Environment has become the focal point of the very existence of human race.Degradation of the environment has been very systematic and rampant over the years that the world today is moving faster towards the point of no return.

Realising this,though very late, governments all over the world are pressing hard for rectification that is holistic at the same time very effective. The transformation in the thinking process is more in the nature of firefighting, where the world was brought to a deliberate brink and then a thought process was induced to act reverse.

Exploitation of nature during these periods went on from Individual level,institutional level,by the society and polity through use of a mechanism of economics.

At this stage when world is thinking in terms of global convergence Institution of governance has started enforcing the idea of prominence to be extended to the climate change for an economic activity.

Not only self-discipline through awareness is a must but also transperant mechanism that reports reversal of acts that destroy environment should be built within the system.

Every activity has impacted the environment at the process level and consumption level,for instance extraction of natural wealth such as coal,gas and metals have impacted the structure of the earth,while its consumption has serious impact on the external environment. Industrial pollutants have been one of the greatest risk that the earth carries today than ever before.Yet unmindful of future exploitation of the natural resource ruthlessly occurs.

Scientist worldover have been talking of cleaner and greener environment while the advantages of economic activity continues,which means any activity that does not impact the Air,Water and space is welcome and should be encouraged in the future.

While this happens the Indian Government has shown keen interest in industry reporting the cost of compliance on climate change issues as visible in this news item below:

Soon, Indian companies will have to compulsorily follow a cost-accounting standard on climate change. The Corporate Affairs Ministry has asked the Institute of Cost and Works Accountants of India (ICWAI) to prepare such a Standard — the first of its kind even globally. This means companies will have to work out costs involved in adopting environment-friendly measures and disclose them. The Government can use this data while taking policy decisions and for climate change talks. The Ministries of Corporate Affairs and Environment will shortly hold discussions on this. The new cost-accounting Standard on environment-friendly measures will be high,

but achievable by Indian companies. The Standard will be on costs incurred for reducing pollution, re-planting forests or restoring mined areas. The ICWAI would seek International Federation of Accountants' inputs. The Standard on climate change could be stand-alone or part of other new cost accounting Standards. Guidelines issued ICWAI member Mr A. N. Raman said the Institute has released management guidelines on environment-related corporate strategies. The Government may link these guidelines to the Standard on climate change to make it mandatory and ask the Board of Directors to disclose if companies are complying. “Climate change is the buzz word in management and cost accounting globally and India will take the lead. Environment-friendly companies will get good grades,” said the ICWAI President, Mr G. N. Venkataraman.

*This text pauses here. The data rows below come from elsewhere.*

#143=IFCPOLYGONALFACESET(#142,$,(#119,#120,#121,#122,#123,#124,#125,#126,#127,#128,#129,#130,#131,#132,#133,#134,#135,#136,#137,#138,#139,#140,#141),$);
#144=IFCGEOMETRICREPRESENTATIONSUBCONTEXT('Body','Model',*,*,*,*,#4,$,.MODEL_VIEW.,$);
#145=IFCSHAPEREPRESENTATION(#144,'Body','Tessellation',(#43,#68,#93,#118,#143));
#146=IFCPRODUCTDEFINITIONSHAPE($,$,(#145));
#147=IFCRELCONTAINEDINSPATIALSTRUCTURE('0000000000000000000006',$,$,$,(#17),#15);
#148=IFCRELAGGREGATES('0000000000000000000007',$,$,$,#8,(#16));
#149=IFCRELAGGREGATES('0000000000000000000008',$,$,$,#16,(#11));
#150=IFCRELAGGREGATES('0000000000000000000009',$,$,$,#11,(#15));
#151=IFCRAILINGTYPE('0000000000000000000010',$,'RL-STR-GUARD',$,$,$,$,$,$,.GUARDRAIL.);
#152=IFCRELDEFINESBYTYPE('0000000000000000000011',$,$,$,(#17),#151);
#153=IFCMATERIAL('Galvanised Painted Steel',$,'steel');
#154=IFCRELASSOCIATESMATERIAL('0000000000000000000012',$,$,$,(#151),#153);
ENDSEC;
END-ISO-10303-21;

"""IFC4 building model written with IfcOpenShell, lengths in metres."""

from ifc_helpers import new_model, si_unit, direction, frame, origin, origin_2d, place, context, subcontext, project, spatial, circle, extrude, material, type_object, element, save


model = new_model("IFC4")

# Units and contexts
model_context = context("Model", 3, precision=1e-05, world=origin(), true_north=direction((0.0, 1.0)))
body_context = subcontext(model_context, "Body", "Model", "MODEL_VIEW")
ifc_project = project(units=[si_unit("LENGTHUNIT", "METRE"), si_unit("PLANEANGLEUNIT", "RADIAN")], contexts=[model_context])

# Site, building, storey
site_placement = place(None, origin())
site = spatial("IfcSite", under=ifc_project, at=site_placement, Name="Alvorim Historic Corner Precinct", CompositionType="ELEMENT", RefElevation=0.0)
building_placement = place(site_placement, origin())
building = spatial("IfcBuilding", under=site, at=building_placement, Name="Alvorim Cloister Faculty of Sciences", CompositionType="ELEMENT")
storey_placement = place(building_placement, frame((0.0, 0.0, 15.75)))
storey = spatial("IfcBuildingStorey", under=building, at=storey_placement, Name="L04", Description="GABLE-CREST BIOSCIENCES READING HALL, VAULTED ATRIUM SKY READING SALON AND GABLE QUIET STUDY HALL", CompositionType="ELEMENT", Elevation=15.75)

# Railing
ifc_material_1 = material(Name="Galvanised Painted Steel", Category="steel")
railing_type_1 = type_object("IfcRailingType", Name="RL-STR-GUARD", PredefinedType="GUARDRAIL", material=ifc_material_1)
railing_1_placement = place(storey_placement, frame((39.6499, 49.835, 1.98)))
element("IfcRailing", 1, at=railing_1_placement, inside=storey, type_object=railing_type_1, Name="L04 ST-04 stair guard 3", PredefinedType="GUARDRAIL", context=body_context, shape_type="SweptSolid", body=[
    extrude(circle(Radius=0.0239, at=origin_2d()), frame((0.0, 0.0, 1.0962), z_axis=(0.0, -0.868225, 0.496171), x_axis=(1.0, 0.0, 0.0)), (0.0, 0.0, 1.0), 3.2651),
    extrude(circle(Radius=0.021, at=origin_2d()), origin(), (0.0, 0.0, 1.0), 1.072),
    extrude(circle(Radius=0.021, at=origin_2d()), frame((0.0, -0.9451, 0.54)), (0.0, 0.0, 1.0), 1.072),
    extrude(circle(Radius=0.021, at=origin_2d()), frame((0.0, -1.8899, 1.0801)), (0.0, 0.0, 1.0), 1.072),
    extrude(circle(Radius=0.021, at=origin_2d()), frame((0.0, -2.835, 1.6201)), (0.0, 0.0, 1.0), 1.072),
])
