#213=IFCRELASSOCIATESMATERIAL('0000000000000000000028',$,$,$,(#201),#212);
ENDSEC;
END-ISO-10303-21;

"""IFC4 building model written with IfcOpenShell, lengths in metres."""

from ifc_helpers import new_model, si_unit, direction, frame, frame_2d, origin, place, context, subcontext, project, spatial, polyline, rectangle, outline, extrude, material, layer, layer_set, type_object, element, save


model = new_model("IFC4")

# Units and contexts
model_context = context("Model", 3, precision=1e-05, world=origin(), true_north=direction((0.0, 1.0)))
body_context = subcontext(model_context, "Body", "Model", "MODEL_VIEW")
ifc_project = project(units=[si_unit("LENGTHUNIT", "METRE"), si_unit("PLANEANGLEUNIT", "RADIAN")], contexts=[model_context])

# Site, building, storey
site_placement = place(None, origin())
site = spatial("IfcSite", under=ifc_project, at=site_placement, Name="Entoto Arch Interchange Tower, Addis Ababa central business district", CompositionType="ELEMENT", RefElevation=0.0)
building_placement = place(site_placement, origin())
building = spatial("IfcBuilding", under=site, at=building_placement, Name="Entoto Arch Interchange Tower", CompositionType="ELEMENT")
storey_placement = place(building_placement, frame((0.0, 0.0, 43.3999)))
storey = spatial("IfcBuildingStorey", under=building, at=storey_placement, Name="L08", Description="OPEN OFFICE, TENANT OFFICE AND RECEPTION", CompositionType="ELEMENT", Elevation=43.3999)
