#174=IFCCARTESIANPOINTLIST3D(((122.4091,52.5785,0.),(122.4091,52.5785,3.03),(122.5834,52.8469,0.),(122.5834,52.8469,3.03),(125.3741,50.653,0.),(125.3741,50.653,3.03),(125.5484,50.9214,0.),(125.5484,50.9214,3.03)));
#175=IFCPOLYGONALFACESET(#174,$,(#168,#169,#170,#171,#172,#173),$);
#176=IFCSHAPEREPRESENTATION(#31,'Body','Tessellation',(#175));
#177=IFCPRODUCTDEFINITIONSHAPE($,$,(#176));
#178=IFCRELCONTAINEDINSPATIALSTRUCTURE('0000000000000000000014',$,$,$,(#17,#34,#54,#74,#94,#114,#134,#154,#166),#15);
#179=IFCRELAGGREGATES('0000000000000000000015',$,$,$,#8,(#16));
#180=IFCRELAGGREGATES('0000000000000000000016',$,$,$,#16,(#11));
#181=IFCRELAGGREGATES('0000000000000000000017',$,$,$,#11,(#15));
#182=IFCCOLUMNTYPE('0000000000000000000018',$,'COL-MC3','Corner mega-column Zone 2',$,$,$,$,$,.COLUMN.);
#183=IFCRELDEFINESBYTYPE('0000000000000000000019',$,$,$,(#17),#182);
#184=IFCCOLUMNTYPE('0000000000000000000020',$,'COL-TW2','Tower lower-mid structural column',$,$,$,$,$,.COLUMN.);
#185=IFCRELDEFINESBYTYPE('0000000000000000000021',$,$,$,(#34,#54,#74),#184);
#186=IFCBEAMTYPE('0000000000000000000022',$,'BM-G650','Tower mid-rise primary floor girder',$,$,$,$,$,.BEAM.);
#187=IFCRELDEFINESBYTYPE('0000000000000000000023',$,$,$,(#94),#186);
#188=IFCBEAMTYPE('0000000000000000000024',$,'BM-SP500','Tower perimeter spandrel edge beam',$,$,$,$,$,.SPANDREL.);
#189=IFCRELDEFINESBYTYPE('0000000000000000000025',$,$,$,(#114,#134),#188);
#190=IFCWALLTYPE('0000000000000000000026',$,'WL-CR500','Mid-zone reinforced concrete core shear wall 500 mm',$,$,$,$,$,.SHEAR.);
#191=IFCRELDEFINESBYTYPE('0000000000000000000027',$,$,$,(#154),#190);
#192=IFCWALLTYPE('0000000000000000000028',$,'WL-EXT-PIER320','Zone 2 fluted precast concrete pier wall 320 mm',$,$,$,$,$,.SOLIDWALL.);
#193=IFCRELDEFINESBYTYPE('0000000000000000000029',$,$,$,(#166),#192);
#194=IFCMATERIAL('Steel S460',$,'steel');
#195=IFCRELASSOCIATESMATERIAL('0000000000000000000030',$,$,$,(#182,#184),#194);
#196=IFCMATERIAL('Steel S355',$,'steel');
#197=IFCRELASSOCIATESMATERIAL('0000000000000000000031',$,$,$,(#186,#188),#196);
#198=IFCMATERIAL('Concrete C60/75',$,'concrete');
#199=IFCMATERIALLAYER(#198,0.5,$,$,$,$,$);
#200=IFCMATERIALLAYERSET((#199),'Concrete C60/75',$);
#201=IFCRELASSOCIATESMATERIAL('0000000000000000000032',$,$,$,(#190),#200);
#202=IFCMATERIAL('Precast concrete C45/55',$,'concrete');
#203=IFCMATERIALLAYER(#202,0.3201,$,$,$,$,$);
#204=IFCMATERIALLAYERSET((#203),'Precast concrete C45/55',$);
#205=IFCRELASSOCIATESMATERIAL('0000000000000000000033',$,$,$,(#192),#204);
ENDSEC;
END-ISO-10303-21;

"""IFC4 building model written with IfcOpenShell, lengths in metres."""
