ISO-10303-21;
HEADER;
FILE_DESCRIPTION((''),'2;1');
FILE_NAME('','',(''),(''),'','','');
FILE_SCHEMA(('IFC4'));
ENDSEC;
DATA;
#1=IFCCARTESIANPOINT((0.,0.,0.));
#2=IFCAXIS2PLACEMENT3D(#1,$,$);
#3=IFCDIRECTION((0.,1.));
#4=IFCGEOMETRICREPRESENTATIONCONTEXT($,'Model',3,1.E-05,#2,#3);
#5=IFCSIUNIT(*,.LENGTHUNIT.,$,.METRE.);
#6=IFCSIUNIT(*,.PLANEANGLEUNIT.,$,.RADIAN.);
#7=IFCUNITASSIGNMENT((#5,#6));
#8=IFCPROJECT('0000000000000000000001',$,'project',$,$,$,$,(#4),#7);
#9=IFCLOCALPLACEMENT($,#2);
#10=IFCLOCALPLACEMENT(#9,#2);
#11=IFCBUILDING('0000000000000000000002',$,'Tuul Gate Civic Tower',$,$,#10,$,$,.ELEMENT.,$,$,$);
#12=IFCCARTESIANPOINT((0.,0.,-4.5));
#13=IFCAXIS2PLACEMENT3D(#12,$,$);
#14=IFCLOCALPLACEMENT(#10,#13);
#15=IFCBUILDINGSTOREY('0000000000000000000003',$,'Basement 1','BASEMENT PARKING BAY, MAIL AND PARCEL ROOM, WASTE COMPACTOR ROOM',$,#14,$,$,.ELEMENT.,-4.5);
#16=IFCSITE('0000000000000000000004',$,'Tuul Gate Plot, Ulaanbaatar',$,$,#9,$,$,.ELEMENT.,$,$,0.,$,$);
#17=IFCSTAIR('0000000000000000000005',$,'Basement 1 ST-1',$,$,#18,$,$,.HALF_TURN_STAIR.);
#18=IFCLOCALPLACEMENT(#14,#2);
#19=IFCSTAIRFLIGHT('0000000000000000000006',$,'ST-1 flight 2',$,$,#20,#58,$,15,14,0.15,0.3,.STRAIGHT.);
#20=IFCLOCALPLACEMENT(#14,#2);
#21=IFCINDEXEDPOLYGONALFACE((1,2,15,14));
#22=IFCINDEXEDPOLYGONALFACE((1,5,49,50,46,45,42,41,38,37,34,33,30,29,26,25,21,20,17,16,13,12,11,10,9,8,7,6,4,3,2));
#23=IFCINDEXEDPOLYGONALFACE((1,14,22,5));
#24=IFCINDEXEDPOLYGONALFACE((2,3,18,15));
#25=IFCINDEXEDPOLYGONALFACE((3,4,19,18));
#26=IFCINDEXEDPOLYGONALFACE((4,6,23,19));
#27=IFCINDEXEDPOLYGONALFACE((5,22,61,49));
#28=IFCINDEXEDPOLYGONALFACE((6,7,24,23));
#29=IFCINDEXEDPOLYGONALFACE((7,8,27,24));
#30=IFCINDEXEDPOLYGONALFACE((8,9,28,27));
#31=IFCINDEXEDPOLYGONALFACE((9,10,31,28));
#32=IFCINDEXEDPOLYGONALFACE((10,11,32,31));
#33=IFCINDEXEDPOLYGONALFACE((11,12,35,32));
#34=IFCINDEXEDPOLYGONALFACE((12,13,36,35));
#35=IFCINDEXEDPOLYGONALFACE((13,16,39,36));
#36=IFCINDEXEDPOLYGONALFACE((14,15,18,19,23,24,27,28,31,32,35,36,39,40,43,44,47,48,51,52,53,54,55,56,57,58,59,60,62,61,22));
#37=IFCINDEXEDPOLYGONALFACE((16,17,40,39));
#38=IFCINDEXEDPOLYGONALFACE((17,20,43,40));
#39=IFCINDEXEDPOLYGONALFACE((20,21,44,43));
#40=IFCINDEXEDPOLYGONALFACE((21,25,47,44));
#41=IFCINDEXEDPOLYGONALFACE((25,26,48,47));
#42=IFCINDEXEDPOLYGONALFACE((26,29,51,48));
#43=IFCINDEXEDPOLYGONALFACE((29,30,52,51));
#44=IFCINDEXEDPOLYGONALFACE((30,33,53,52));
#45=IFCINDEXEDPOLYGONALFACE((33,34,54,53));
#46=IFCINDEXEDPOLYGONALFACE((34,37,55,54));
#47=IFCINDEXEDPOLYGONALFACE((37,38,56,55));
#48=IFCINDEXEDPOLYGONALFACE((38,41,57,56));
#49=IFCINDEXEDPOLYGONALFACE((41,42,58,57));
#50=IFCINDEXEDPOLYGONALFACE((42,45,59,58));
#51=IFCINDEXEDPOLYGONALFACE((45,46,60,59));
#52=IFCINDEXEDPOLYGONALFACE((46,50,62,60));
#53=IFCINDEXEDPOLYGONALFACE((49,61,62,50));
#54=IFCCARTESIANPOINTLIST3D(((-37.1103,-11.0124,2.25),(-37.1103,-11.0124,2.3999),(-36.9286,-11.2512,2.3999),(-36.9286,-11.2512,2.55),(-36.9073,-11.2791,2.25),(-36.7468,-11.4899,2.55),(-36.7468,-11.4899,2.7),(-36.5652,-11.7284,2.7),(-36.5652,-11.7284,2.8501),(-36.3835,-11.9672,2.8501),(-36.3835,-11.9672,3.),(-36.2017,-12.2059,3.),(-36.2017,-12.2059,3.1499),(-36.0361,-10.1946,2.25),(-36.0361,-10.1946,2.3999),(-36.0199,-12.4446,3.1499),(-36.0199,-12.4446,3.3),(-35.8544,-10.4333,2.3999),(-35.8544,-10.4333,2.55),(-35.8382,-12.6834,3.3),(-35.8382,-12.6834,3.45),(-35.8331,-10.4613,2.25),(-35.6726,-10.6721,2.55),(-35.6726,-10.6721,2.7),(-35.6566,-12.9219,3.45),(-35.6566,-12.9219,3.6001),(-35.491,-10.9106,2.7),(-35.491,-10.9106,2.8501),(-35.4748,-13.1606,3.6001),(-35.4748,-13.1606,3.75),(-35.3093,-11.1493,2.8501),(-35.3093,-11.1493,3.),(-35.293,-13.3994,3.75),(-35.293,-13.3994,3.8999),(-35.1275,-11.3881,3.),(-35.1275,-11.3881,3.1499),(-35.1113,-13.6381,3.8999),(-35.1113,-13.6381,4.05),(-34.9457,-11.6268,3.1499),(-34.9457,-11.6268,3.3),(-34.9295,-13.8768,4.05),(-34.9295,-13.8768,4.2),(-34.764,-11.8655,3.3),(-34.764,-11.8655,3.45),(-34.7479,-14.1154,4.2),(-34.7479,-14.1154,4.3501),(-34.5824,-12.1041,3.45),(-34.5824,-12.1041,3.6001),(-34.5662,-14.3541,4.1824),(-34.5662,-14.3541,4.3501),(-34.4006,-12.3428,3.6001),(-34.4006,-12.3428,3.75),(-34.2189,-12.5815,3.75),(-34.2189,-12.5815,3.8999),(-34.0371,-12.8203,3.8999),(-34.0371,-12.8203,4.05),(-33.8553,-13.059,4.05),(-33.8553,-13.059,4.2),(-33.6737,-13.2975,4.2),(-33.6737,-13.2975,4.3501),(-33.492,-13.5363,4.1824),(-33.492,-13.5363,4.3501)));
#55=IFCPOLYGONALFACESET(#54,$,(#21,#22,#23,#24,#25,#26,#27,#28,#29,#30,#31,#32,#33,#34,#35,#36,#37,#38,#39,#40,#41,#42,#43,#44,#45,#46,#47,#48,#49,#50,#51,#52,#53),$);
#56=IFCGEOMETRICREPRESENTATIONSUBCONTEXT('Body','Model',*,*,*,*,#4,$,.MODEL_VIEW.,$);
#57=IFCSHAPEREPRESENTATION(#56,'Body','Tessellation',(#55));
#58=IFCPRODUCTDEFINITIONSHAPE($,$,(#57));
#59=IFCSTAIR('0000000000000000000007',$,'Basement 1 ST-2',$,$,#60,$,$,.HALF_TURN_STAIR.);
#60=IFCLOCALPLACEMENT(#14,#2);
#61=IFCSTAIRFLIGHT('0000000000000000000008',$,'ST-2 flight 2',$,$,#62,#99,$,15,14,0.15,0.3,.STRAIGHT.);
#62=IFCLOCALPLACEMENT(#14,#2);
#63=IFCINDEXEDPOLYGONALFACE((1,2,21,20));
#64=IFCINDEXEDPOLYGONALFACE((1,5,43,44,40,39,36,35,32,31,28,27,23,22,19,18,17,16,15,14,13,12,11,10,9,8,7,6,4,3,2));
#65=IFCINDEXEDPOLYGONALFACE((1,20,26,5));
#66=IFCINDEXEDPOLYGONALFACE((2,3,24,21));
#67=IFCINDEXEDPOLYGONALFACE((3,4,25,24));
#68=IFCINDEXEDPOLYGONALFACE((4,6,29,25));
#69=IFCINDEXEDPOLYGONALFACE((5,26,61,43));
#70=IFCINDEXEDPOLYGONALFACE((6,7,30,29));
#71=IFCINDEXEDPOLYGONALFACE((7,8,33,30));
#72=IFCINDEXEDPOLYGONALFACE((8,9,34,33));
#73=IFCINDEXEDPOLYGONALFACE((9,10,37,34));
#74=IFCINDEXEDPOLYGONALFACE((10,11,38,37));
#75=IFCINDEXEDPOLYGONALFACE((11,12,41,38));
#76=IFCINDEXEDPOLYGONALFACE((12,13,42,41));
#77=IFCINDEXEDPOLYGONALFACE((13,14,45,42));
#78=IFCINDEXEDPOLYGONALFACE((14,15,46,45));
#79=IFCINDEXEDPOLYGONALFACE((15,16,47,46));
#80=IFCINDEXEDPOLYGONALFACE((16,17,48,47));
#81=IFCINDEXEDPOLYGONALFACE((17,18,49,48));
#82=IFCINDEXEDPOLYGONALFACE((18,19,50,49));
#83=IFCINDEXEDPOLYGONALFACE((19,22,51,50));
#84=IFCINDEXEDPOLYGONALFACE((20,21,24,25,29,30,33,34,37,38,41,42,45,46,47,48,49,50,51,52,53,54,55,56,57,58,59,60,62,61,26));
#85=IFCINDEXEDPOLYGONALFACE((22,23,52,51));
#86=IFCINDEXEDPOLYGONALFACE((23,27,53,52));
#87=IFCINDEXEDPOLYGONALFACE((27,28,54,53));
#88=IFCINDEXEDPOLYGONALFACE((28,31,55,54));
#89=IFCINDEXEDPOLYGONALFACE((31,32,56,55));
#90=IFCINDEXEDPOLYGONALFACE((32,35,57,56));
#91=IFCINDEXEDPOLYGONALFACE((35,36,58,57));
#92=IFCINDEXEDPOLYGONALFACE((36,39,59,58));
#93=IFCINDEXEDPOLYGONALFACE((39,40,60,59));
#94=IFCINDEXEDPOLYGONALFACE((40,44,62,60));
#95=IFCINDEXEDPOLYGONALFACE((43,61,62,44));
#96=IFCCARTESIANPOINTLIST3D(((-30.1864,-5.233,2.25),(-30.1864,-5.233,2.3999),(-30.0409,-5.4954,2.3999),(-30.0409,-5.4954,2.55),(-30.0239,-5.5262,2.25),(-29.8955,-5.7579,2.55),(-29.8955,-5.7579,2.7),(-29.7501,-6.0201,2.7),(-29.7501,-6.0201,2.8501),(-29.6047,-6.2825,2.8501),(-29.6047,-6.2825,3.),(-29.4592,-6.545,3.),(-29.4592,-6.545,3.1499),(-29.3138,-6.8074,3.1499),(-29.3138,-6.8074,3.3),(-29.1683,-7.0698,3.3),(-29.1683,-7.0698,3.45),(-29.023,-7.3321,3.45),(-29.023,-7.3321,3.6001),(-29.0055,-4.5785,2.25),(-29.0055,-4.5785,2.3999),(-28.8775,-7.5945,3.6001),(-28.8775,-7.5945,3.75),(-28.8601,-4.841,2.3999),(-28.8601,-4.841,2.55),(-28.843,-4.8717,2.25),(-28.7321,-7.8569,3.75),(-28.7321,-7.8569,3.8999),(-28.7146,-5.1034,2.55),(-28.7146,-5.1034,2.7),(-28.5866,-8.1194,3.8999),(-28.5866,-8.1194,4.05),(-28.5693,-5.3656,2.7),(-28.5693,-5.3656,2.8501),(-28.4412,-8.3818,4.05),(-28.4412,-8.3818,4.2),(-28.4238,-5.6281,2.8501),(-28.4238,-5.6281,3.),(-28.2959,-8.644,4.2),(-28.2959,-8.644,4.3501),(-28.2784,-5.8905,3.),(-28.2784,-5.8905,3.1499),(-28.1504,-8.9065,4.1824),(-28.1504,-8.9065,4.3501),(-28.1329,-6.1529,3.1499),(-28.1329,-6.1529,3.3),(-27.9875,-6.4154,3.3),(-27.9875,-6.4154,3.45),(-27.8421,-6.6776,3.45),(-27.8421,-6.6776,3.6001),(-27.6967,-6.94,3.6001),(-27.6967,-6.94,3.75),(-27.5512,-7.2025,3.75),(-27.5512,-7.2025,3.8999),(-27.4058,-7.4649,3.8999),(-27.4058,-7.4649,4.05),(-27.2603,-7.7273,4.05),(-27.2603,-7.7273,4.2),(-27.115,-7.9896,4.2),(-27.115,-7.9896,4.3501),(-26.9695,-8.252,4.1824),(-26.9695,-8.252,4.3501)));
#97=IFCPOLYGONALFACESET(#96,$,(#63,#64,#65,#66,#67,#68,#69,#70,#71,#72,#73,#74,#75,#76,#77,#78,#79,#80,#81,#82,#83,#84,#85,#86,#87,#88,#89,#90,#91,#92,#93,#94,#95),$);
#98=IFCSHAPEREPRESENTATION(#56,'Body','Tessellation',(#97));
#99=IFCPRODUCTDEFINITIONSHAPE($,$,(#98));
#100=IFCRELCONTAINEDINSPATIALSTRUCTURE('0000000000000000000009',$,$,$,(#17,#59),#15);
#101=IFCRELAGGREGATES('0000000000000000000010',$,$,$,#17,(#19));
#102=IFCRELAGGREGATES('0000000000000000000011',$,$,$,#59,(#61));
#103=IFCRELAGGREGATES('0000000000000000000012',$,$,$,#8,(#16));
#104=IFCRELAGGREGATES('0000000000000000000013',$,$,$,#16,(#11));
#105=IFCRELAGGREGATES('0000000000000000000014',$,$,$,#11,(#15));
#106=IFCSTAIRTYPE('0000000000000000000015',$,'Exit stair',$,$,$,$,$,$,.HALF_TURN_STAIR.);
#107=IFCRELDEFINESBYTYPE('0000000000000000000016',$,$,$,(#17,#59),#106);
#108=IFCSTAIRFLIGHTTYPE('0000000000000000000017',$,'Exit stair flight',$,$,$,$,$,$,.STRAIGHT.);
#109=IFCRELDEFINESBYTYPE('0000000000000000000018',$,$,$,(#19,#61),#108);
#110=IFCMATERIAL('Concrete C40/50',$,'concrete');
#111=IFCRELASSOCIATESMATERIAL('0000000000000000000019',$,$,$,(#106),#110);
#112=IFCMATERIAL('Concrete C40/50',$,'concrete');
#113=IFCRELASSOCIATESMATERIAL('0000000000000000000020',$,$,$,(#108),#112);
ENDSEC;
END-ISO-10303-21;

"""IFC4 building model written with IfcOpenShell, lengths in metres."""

from ifc_helpers import new_model, si_unit, direction, frame, origin, place, context, subcontext, project, spatial, polyline, outline, extrude, material, type_object, element, aggregate, save


model = new_model("IFC4")

# Units and contexts
model_context = context("Model", 3, precision=1e-05, world=origin(), true_north=direction((0.0, 1.0)))
body_context = subcontext(model_context, "Body", "Model", "MODEL_VIEW")
ifc_project = project(units=[si_unit("LENGTHUNIT", "METRE"), si_unit("PLANEANGLEUNIT", "RADIAN")], contexts=[model_context])

# Site, building, storey
site_placement = place(None, origin())
site = spatial("IfcSite", under=ifc_project, at=site_placement, Name="Tuul Gate Plot, Ulaanbaatar", CompositionType="ELEMENT", RefElevation=0.0)
building_placement = place(site_placement, origin())
building = spatial("IfcBuilding", under=site, at=building_placement, Name="Tuul Gate Civic Tower", CompositionType="ELEMENT")
storey_placement = place(building_placement, frame((0.0, 0.0, -4.5)))
storey = spatial("IfcBuildingStorey", under=building, at=storey_placement, Name="Basement 1", Description="BASEMENT PARKING BAY, MAIL AND PARCEL ROOM, WASTE COMPACTOR ROOM", CompositionType="ELEMENT", Elevation=-4.5)

# Stair, stair flight
ifc_material_1 = material(Name="Concrete C40/50", Category="concrete")
stair_type = type_object("IfcStairType", Name="Exit stair", PredefinedType="HALF_TURN_STAIR", material=ifc_material_1)
stair_1_placement = place(storey_placement, origin())
stair_1 = element("IfcStair", 1, at=stair_1_placement, inside=storey, type_object=stair_type, Name="Basement 1 ST-1", PredefinedType="HALF_TURN_STAIR")
ifc_material_2 = material(Name="Concrete C40/50", Category="concrete")
stair_flight_type = type_object("IfcStairFlightType", Name="Exit stair flight", PredefinedType="STRAIGHT", material=ifc_material_2)
stair_flight_1_placement = place(storey_placement, frame((-36.5732, -10.6035, 2.25), z_axis=(0.0, 0.0, 1.0), x_axis=(0.605764, -0.795644, 0.0)))
stair_flight_1 = element("IfcStairFlight", 2, at=stair_flight_1_placement, type_object=stair_flight_type, Name="ST-1 flight 2", NumberOfRisers=15, NumberOfTreads=14, PredefinedType="STRAIGHT", RiserHeight=0.15, TreadLength=0.3, context=body_context, shape_type="SweptSolid", body=[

While the standard will be devised by the ICWAI,it is felt necessary that reporting requirements will need to address the following issues:

1.Elements that results in Impacting the environment.

2.The stages at which these elements impact the environment.(Extraction,production- process,stacking,consumption).

3.Identifying and measuring the Impact and assigning the cost of damage to the environment and classifying its reach-short/medium and long term impact.

4.Estimating the cost of reversal or cost of averting. Capital and recurring cost further dividing into direct and indirect.

5.Reporting to various stakeholders on the direct and indirect impact to them.

6.Segregation clearly of cost of reversal and aversion cost.

7.Impact of climate change cost on the prices of the product vis-à-vis long term benefit.(qualitative and quantitative).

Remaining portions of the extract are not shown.